Monday, June 12, 2006

Spot The Neocon Story Plant, Part 54 (At Least)

When the history books are written, many years from now, about the current manufactured crisis over Iran's nuclear program, the U.K.'s Daily Telegraph will stand out as one of the media organs which shilled most assidiously for the warmongers. It seems as if every week, since around last May, the Torygraph has had a scaremongering story about Iran - oftimes more than one. Every single one of those stories has been written by Torygraph shills Phil Sherwell and Con Coughlin and every single one has been based on "Iranian dissident groups" (i.e. the MeK), Pentagon spokemen speaking anonymously, "intelligence experts" who turn out to be lying hacks with an agenda like Ken Timmerman or, as in the case of today's bit of hackery, an unnamed "senior western diplomat working with the IAEA".

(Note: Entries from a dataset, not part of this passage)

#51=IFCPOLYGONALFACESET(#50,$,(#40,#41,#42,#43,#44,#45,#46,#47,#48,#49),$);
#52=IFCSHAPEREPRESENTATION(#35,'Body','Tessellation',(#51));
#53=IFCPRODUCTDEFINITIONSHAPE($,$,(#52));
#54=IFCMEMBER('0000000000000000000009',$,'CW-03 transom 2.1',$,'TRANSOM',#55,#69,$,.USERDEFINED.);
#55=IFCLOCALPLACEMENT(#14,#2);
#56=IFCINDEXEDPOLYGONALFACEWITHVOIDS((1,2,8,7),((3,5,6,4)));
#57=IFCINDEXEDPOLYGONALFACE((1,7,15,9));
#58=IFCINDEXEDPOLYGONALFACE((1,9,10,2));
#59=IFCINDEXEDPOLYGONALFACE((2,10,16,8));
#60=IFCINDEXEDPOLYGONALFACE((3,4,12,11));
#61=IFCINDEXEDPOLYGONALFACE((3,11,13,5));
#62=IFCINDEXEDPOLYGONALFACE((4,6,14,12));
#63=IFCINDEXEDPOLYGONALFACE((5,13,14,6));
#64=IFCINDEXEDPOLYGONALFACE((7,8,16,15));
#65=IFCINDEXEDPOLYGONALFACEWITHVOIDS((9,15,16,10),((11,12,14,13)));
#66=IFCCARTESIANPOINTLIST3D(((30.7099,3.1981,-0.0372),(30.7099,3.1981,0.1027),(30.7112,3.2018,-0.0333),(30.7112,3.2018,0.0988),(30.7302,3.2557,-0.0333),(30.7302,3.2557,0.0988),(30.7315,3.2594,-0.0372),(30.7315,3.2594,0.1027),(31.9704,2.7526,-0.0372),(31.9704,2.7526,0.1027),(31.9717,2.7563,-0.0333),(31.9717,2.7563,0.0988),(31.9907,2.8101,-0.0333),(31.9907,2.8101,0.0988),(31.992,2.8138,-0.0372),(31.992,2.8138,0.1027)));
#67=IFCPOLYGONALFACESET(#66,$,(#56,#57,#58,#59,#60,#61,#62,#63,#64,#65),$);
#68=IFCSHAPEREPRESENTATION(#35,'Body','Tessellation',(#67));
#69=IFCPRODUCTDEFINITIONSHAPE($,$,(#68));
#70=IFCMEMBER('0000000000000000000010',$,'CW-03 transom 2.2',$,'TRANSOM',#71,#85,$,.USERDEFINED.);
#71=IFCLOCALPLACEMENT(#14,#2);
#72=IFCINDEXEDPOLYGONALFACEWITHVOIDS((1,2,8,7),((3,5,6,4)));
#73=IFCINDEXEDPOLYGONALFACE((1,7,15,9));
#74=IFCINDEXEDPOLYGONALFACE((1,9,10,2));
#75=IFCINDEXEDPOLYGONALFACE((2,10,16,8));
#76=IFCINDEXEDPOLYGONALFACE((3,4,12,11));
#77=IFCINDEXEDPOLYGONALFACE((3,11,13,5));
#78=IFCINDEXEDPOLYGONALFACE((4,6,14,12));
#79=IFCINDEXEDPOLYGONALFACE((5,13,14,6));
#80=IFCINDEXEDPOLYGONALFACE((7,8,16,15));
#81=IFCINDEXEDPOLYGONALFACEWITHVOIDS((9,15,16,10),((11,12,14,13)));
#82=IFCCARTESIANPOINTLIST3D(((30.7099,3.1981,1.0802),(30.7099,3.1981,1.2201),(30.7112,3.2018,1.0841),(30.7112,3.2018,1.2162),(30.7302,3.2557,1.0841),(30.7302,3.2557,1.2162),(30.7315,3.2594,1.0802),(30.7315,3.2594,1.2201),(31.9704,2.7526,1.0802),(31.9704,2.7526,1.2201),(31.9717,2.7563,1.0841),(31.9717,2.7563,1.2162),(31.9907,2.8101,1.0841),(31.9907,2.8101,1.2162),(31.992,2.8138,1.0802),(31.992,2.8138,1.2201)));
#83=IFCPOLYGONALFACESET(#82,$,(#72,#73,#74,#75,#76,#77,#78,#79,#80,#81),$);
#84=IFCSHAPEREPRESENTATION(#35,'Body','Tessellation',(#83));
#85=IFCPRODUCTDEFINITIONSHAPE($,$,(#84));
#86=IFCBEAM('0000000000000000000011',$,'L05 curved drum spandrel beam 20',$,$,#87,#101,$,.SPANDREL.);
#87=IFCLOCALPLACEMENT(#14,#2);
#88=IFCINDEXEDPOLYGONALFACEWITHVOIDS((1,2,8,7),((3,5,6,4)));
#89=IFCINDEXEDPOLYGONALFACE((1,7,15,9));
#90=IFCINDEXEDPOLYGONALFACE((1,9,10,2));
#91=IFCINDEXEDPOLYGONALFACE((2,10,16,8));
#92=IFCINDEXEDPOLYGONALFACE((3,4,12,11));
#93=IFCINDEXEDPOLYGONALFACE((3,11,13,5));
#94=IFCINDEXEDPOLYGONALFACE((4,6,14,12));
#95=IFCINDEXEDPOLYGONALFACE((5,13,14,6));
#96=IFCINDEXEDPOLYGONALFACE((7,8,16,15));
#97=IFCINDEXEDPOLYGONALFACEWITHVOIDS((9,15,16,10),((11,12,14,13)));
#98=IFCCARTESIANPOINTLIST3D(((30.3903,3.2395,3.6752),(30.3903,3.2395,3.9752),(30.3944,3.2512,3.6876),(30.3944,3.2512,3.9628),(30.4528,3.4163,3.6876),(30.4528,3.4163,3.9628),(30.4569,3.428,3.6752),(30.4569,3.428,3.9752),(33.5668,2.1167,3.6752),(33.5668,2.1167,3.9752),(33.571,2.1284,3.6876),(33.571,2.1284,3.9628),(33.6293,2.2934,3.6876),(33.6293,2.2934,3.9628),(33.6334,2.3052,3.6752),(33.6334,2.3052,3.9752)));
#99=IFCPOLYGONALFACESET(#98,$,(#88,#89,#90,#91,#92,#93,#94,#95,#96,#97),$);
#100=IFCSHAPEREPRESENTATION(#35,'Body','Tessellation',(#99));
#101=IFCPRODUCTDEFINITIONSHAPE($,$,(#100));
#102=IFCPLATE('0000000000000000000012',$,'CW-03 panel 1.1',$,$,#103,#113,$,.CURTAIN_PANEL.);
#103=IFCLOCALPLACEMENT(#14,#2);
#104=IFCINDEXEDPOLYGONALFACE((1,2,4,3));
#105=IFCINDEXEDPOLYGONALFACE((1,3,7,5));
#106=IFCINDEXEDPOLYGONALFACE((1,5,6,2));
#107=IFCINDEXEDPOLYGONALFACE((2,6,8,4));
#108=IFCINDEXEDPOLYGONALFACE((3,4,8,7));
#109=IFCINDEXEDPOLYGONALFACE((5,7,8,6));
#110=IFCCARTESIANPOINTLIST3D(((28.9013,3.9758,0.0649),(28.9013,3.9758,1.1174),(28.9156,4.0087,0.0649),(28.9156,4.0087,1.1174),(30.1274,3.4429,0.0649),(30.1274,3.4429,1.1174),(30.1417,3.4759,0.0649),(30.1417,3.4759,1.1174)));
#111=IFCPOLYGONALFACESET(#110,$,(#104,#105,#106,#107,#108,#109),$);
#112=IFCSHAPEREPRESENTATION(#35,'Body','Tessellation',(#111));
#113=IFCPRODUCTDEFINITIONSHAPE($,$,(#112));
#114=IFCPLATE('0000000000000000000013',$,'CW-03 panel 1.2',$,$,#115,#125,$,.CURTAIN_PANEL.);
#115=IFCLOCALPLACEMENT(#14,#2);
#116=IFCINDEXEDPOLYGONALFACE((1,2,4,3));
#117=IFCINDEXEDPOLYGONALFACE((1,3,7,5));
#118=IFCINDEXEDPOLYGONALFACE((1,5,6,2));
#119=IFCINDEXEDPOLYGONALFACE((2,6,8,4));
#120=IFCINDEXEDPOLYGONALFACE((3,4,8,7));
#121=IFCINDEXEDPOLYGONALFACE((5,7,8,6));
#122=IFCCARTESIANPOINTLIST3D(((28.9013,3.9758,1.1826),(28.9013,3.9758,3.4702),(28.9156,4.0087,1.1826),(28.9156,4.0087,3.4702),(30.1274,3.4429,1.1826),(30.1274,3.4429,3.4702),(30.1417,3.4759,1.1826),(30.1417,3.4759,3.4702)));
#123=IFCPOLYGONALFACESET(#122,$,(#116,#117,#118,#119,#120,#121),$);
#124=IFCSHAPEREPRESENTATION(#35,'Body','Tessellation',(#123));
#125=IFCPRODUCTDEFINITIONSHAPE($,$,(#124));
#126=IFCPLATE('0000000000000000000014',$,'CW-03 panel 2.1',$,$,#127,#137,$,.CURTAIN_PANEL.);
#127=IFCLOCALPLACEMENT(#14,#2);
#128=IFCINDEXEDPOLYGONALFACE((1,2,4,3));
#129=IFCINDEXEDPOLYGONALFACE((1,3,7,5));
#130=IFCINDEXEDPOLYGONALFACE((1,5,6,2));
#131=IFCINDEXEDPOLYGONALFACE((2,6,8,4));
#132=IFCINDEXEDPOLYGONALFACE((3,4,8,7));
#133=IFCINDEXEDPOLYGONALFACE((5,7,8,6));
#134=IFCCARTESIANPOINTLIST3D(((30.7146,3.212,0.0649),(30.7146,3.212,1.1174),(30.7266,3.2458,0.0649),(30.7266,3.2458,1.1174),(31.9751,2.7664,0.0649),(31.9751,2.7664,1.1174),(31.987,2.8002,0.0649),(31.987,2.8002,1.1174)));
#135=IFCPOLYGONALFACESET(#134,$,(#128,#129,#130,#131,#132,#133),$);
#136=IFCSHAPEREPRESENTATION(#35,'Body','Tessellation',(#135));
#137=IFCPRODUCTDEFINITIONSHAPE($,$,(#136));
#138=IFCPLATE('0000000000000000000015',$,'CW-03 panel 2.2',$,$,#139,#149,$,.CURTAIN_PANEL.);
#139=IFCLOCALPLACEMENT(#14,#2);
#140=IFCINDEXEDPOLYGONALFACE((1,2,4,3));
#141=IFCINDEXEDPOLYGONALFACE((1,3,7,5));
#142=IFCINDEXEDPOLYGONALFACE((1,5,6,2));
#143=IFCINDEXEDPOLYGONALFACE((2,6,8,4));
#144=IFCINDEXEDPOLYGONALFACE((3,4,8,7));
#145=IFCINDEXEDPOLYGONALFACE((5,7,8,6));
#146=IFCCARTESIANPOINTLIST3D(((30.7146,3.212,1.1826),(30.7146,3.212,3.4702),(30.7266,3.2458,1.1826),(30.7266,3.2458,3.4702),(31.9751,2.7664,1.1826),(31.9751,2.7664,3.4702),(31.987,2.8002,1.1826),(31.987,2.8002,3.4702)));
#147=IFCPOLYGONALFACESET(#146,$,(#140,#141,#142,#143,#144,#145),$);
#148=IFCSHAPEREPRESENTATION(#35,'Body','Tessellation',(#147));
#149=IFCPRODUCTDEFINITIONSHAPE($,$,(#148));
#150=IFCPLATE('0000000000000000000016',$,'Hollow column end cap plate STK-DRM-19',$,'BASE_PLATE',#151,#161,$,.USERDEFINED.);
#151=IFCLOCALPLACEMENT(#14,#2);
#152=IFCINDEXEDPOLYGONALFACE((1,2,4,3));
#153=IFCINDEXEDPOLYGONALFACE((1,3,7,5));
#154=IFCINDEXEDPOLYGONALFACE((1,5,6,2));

Today's scary story involves intelligence, presented by nation or agency unnamed, to the IAEA purporting to show that a secret parallel military nuclear program has been transplanted from Lavizan to a new secret complex outside Teheran. Like all such "secret projects", the complex is underground (probably built for the evil Mullahs by those evil Russians) - thus precluding satellite observation - and it seems no-one ever noticed the huge earthmoving operation its construction would have entailed.
“This is a truly alarming development,” said a senior western diplomat working with the IAEA. “This evidence indicates that the Iranians remain committed to developing nuclear weapons, despite their claims to the contrary that their nuclear ambitions are entirely peaceful.”
The article itself, like all Coughlin and Sherwell's concoctions, is a masterpiece of half-stated facts designed to lead a casual or stupid reader down a garden path which those with an agenda for personal gain are happy to see them take. We are told the source for the report is that famous and loquacious unnamed "senior western diplomat working with the IAEA". That's designed to make the reader think this is officially leaked by someone actually working for the IAEA and who knows what the professionals at the Agency are working on. It's a smoke screen. There are 139 member states of the IAEA and at any time 35 nations are represented on the governing council. Each has a small coterie of accredited diplomats, not all of whom would know a nuclear fuel cycle if it bit their ass. None of those diplomats work for the 2,200 person IAEA Secretariat, which is the professional arm of the IAEA - you know, the inspectors, scientists and such who actually know what they are talking about and do the real work. In fact, none work for the IAEA at all, they all work for their member nations.

That leads us to the next half-truth, as Coughlin tells us that "IAEA officials are studying new intelligence indicating that the Lavizan research project has been moved to a secret military location outside Teheran". Well yes, I am sure they are. IAEA officials study everything that is brought to them on such a subject. The BIG questions are - do they believe it, and which officials are we talking about here, the Secretariat's officials or the horde of diplomats who make up the General Council?

Over the last year and more, a huge amount of supposed "intelligence", much of it derived from MeK sources or the "research" of people like Ken Timmerman has been dumped in the laps of the IAEA. More, IAEA members like the U.S. and Israel have also come forward with "intelligence", the sources and reliability of which cannot be divulged for national security reasons, for IAEA consideration. There has literally been a mountain of the stuff. Secret tunnel complexes, secret enrichment plants, secret missile warhead plans, mysterious particles of highly enriched uranium which didn't come from declared processes, detailled plans for all of the above on a laptop some guy down the pub gave them...

The vast majority of it has been exposed as fake, investigated and found wanting or has had an alternative and far more mundane explanation.

The simple truth is that, asked to prove the negative statement "Iran does not have a nuclear weapons program", IAEA Secretariat staff were and remain happy with the March statement of El Baradei that:
As you are aware, the Agency over the last three years has been conducting intensive investigations of Iran´s nuclear programme with a view to providing assurances about the peaceful nature of that programme. During these investigations, the Agency has not seen indications of diversion of nuclear material to nuclear weapons or other nuclear explosive devices.
Of course, there are uncertainties - there always will be when asked to prove a negative since proving a negative simply can't be done.

If the current mood for diplomacy and "jaw-jaw rather than war-war" (as conservative icon Churchill famously stated he preferred) should fail then much of the blame will be laid at the doors of neocon outlets such as the Daily Telegraph as they blithely empower those who so clearly and dearly want to slice the Iranian pie to profit themselves.